Well he doesn't beg for food that I am eating. Yeah he follows me around hoping a spill something but never whines. I hope its just him begging for the heck of it rather than actually being hungry but he just seems so convincing.


----------



## Cosy (Feb 9, 2006)

Mine are like that too but they would burst if I kept feeding them. Funny how they always want something they can't have...reminds me of my kids. Haha.


----------



## Harley & Dakotas Mum (Jun 11, 2005)

Harley was the exact same when I first reduced his portion size in a bid for him to lose some weight - he finished what was in his bowl, then looked at the emptyness there - then looked at me as if to say - hey, where's the rest?!

Just be firm, if you know that you are feeding the correct amount, dont waiver, stick to your guns! It's hard, I felt like I was starving him too - but in Harley's case, lets face it, there's plenty there to lose, and little risk of him ever really starving! 

It may take a little while, but eventually Sunny will get used to it - even though it doesn't seem like it now!

Good luck!


----------



## dogloverx3 (Apr 14, 2006)

Grate some carrot into his meals , or use them as a treat . Carrot fills them up but is low in calories . All 4 of mine are trim , taut and terrific . Sarah


----------



## Ladysmom (Oct 19, 2004)

Sunny sounds like my Lady. That girl lives to eat, too! 

Lady got up to a whopping 11 1/2 pounds when I first adopted her because I just keep feeding her since she acted so hungry. She was dx with diabetes a year and a half later so I really learned my lesson!

Green beans save us. I thaw the frozen cut green beans and cut them in half. I put them in her Twist and Treat so she gets to chase them all over which slows her down. They are full of fiber and really fill her up.

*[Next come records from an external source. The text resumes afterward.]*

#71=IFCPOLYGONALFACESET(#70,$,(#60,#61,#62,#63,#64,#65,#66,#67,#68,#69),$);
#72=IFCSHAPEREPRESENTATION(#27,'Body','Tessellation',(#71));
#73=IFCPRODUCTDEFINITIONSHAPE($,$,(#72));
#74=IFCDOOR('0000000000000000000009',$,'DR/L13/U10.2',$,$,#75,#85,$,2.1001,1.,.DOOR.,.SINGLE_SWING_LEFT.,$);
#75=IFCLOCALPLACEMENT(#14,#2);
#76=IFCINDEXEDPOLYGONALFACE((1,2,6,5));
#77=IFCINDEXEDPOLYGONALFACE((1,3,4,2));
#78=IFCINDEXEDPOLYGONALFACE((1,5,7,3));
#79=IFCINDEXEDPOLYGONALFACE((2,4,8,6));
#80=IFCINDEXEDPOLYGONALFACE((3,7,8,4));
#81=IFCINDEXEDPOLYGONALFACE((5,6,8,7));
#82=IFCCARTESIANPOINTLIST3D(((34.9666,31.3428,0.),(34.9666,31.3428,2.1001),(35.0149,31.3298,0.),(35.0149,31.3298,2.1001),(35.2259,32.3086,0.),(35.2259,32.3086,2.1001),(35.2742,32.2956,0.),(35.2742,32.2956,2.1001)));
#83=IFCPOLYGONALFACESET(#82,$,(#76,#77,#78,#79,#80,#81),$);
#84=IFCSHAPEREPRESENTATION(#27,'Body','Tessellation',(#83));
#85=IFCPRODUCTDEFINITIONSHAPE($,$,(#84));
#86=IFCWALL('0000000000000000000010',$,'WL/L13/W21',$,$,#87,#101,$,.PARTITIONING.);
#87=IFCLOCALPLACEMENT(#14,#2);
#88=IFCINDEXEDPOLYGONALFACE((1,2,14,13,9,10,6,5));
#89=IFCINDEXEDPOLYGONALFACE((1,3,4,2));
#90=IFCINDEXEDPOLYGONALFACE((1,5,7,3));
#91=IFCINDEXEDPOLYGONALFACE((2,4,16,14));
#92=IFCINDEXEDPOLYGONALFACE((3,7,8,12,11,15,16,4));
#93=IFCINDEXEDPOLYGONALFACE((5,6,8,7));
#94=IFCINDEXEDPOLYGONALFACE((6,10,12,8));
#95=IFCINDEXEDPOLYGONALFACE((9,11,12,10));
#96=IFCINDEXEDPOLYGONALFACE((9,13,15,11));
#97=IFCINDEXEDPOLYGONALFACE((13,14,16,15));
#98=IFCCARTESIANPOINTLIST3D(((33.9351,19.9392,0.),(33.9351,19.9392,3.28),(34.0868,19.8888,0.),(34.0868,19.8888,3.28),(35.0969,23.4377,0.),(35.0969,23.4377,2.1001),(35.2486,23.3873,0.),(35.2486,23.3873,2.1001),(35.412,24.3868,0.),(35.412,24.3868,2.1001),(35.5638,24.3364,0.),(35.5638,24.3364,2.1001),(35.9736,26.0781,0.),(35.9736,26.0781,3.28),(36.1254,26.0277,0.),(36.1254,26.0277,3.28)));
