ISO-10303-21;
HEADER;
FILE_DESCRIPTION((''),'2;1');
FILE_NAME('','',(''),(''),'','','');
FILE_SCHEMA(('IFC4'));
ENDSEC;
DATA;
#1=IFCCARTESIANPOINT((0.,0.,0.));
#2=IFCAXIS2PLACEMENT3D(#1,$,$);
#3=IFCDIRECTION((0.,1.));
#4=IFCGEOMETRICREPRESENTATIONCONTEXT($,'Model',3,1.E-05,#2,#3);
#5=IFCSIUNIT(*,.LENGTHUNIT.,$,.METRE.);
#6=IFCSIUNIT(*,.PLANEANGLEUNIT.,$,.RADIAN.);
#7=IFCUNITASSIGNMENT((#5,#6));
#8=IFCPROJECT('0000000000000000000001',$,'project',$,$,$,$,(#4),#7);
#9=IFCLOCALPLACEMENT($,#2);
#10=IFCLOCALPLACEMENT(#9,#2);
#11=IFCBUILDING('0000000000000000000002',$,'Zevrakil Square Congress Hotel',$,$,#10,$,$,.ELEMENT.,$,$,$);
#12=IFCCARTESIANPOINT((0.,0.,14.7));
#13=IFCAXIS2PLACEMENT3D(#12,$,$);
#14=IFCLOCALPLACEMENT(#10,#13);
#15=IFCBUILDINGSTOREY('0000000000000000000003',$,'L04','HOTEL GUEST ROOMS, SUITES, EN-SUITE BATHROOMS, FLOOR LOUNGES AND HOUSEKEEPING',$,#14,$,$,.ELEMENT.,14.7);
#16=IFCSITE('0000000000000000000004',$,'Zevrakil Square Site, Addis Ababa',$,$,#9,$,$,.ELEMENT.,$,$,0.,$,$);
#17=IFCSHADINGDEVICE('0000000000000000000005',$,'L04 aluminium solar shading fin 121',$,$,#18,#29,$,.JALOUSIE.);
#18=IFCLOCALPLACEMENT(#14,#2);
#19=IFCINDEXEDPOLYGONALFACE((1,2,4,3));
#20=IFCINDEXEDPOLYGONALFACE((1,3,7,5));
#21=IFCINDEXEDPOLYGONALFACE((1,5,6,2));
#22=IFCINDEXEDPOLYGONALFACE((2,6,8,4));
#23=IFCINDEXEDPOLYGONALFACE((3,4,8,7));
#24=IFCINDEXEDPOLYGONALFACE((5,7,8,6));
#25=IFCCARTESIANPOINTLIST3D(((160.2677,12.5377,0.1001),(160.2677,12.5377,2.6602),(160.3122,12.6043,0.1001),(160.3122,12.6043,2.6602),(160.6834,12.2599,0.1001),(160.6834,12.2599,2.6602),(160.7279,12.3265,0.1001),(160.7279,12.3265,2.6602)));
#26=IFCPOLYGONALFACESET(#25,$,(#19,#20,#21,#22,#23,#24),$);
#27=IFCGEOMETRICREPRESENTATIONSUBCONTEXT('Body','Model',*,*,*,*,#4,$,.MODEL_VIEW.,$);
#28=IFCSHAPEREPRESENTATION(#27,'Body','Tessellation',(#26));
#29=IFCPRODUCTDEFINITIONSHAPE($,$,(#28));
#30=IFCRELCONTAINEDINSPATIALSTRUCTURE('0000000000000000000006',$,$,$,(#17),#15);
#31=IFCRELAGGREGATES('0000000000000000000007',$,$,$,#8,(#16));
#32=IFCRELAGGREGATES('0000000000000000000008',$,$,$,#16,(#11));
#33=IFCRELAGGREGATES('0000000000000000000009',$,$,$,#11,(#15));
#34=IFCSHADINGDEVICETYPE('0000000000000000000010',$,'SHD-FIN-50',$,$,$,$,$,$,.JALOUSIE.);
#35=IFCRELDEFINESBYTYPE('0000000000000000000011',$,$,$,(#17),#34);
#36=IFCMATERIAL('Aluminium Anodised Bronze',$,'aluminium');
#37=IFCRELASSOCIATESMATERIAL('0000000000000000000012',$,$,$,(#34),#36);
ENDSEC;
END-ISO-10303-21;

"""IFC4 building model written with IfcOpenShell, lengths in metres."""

from ifc_helpers import new_model, si_unit, direction, frame, origin, origin_2d, place, context, subcontext, project, spatial, rectangle, extrude, material, type_object, element, save


model = new_model("IFC4")

# Units and contexts
model_context = context("Model", 3, precision=1e-05, world=origin(), true_north=direction((0.0, 1.0)))
body_context = subcontext(model_context, "Body", "Model", "MODEL_VIEW")
ifc_project = project(units=[si_unit("LENGTHUNIT", "METRE"), si_unit("PLANEANGLEUNIT", "RADIAN")], contexts=[model_context])

# Site, building, storey
site_placement = place(None, origin())
site = spatial("IfcSite", under=ifc_project, at=site_placement, Name="Zevrakil Square Site, Addis Ababa", CompositionType="ELEMENT", RefElevation=0.0)
building_placement = place(site_placement, origin())
building = spatial("IfcBuilding", under=site, at=building_placement, Name="Zevrakil Square Congress Hotel", CompositionType="ELEMENT")
storey_placement = place(building_placement, frame((0.0, 0.0, 14.7)))
storey = spatial("IfcBuildingStorey", under=building, at=storey_placement, Name="L04", Description="HOTEL GUEST ROOMS, SUITES, EN-SUITE BATHROOMS, FLOOR LOUNGES AND HOUSEKEEPING", CompositionType="ELEMENT", Elevation=14.7)

# Shading device
ifc_material_1 = material(Name="Aluminium Anodised Bronze", Category="aluminium")
shading_device_type = type_object("IfcShadingDeviceType", Name="SHD-FIN-50", PredefinedType="JALOUSIE", material=ifc_material_1)
shading_device_placement = place(storey_placement, frame((160.4978, 12.4321, 0.1001), z_axis=(0.0, 0.0, 1.0), x_axis=(0.83147, -0.55557, 0.0)))
element("IfcShadingDevice", 1, at=shading_device_placement, inside=storey, type_object=shading_device_type, Name="L04 aluminium solar shading fin 121", PredefinedType="JALOUSIE", context=body_context, shape_type="SweptSolid", body=[
    extrude(rectangle(XDim=0.5, YDim=0.0801, at=origin_2d()), origin(), (0.0, 0.0, 1.0), 2.5601),
])

save(model, "model.ifc")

You have to be strong with Sunny. Not only does obesity (along with genetics) cause diabetes, it can cause knee problemss and shorten their life.


----------



## luvmyfurbaby (Feb 11, 2007)

You ladies are lucky I have the opposite problems with them not eating. I just don't think 10 or 15 little kibbles fill them....for the last 2 days they have been getting bored of the raw.


----------



## Scoobydoo (May 26, 2005)

I know what you are going through, Koko is exactly the same, although he is not overweight but he loves his food and if I let him would eat all day long. I find the best way to deal with him is to feed him half his wet food in the morning and put some kibble out for him to nibble, then the other half of his wet food at night with some more of his kibble, all measured for the day's intake, this works well with him.


----------



## momtoboo (Jan 30, 2006)

I have the exact same problem with Boo. He is on reduced calorie dry kibble also & acts like he is starving all the time. He makes numerous trips to the fridge & cabinet during the day, scratching until I really feel bad for him. I do keep green-beans & carrots for him to munch on, but they don't really seem to satisfy him long. I'm thinking some of his behavior is habit & the fact he has me trained so well. I do know how you feel, I hate that Boo seems like he is starving all the time & it bothers me to see him standing at the fridge or cabinets begging for something to eat. He has always done that, even before being on a diet, he just has gotten worse.


----------



## Lilly521 (May 29, 2004)

Well next time I go to the store I will grab him some healthy snacks, probably would hurt to grab myself some as well.....we put some of this weight on together lol.


----------



## totallytotontuffy (May 16, 2007)

If you are sure that the weight gain is due to overfeeding, disregard the rest. Tuffy had been gradually gaining weight and along with that she would sit herself down in the middle of the sidewalk and refuse to walk. I thought it was because she overweight. A couple of weeks ago she had her annual check up and the vet commented about her weight gain. When I told her about Tuffy not wanting to walk, and that I was feeding Tuffy the same portion of food as Toto (who is very trim), the vet suggested that we run some blood tests to check for hypothyroid. The results reflected that her thyroid levels were very low and she has since been on medicine. She too was hungry all the time so I thought I would mention our experience.


----------



## Lilly521 (May 29, 2004)

> If you are sure that the weight gain is due to overfeeding, disregard the rest. Tuffy had been gradually gaining weight and along with that she would sit herself down in the middle of the sidewalk and refuse to walk. I thought it was because she overweight. A couple of weeks ago she had her annual check up and the vet commented about her weight gain. When I told her about Tuffy not wanting to walk, and that I was feeding Tuffy the same portion of food as Toto (who is very trim), the vet suggested that we run some blood tests to check for hypothyroid. The results reflected that her thyroid levels were very low and she has since been on medicine. She too was hungry all the time so I thought I would mention our experience.[/B]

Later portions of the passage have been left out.